Property owners derail hospital access road
Published 12:00 am Monday, February 10, 2003
The idea of building an access road from Culkin Road to the River Region Medical Center is at a dead end, said District 1 Supervisor David McDonald, adding that grant money will be forfeited.
The project, extending Mount Alban Road through a wooded area to the east side of the hospital on U.S. 61 North, required six property owners to sell.
McDonald said agreements could not be reached on prices for some parcels.
“The way we obtain property is we get an appraisal on the property, and then we get a review appraisal,” McDonald said. “We did all of that and approached the property owners with the appraisal amounts, and several of the property owners were not satisfied.”
McDonald said appraisals ranged from $36.06 to $28,000, but some owners wanted up to seven times as much.
“We just couldn’t pay them that by state law,” McDonald said.
Bobbie Kitchens, who owns almost nine acres of the land needed, said she and other property owners were willing to sell, but not for what the county was offering.
“We need the road, but we can’t afford to give our land away,” she said. “We were willing to go ahead if they gave us what our land was worth.”
After Tanner Construction Co. Inc. of Ellisville was awarded a bid in September 2000 to build three access roads to River Region from U.S. 61, Warren County was left with $1.4 million from the Economic Development Highway Program grant used to fund the project. The decision was made then to build a secondary access road from Culkin that could be used by employees or in the event U.S. 61 was blocked or closed.
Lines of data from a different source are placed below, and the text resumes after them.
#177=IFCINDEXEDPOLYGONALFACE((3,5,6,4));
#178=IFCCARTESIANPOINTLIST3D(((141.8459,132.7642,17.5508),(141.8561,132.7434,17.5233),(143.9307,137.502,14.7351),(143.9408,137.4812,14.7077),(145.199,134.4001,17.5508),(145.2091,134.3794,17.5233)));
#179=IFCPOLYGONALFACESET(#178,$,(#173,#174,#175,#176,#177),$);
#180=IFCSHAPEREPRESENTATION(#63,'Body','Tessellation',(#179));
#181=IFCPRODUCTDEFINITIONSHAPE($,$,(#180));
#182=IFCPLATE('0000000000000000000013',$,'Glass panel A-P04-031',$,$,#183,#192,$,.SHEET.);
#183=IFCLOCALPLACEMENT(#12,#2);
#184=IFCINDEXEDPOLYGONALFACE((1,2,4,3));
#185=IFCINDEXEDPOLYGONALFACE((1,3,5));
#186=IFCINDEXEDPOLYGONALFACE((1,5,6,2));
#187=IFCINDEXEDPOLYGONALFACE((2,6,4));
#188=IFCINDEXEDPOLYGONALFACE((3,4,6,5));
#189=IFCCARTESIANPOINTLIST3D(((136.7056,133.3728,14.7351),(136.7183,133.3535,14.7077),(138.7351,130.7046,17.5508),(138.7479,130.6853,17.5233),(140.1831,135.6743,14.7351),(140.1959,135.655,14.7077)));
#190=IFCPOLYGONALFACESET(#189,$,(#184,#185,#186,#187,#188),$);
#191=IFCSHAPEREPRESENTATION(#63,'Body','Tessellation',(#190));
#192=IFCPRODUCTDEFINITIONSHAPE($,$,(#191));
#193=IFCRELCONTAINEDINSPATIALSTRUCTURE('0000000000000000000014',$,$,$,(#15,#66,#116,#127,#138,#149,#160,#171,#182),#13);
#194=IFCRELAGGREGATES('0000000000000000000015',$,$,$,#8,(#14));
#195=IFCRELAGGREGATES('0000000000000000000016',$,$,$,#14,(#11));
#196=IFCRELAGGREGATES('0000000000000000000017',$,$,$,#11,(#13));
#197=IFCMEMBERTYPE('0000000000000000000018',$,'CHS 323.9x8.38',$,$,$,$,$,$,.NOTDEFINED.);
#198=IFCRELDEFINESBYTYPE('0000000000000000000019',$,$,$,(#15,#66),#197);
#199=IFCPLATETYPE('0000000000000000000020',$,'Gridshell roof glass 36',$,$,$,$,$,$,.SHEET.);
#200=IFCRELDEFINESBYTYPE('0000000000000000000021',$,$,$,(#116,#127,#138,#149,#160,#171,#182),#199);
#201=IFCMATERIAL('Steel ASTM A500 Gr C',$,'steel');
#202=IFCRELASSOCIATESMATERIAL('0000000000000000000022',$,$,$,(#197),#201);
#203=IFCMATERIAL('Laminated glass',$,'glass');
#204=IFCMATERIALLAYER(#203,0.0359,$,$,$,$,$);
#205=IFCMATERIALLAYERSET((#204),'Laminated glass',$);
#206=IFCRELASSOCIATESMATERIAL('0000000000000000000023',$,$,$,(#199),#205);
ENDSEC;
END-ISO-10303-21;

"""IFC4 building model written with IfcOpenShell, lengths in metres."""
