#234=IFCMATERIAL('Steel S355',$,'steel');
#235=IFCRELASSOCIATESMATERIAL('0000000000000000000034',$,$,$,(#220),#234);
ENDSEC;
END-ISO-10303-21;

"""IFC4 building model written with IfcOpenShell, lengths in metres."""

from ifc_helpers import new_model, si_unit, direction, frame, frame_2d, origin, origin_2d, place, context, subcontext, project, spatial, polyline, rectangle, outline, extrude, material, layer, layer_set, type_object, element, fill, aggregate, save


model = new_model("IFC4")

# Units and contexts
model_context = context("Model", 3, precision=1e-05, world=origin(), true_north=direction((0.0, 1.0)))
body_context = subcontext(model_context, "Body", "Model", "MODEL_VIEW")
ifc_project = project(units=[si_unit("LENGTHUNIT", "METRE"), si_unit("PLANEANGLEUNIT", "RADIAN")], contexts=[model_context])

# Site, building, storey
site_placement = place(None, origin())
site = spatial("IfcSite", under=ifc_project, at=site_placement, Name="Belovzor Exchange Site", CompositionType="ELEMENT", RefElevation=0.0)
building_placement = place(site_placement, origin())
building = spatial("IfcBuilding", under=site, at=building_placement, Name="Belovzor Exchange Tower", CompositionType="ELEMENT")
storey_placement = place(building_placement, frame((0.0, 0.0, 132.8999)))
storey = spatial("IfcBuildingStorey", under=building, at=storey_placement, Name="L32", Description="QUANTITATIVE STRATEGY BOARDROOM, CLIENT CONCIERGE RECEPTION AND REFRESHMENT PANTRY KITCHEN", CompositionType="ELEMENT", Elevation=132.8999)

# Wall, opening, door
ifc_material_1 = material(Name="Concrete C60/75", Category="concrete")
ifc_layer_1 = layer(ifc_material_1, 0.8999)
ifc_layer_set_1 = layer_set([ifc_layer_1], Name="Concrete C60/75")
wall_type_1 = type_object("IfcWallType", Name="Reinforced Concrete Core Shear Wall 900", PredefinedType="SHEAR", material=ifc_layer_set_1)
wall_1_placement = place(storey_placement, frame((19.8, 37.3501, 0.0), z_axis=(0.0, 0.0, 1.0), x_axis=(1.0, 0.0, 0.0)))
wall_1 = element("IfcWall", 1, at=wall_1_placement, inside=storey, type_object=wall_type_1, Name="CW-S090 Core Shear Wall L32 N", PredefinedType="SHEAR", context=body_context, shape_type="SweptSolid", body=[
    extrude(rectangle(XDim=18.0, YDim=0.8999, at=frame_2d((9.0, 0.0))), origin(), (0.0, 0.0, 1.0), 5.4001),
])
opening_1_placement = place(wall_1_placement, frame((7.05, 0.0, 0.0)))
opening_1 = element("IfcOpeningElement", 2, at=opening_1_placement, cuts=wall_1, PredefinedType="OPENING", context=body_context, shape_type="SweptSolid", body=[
McDonald said building the access road is now a dead issue.
“We are going to lose the $1.4 million grant, and the county is not going to (come back later and) put up $1.4 million,” he said. “We approached the hospital to see if they’d be willing to pay the property owners above the appraisal value and the hospital said they were not going to put any more money into it.”
McDonald said the issue died after he told owners that they would be paid the appraisal value.
“Several of the property owners said they’d just as soon keep their property,” he said. “I don’t fault any of the property owners, it is their choice.”
Warren County developer Pete Buford said he owns land that has been cleared just north of River Region Medical Center.
Buford said at one time he planned to develop the land, but the hospital did not bring as much growth to the area as anticipated.
The county did not consider the secondary access road a public need and chose not to seek forced sales through eminent domain, which would allow a jury to decide the value of the properties and require owners to sell.
McDonald said about 5 to 7 percent of the $1.4 million grant had been spent for survey and design work to determine a path for the road. Some owners’ land was optioned, but no purchases were made.
In other actions, the board:
Approved driveway permit applications at 308 Dogwood Lake Drive, 6273 Bovina Cut-off Road, 6705 Paxton Road and Lot 5 Dogwood Lake Drive.
Approved three temporary easements, one on Southern Road, one on Mount Alban Road and one on Rawhide Road.
Approved utility bond waivers for seven businesses.
Approved to seal Short Sherman Avenue and extend the sealing along Oak Ridge Road.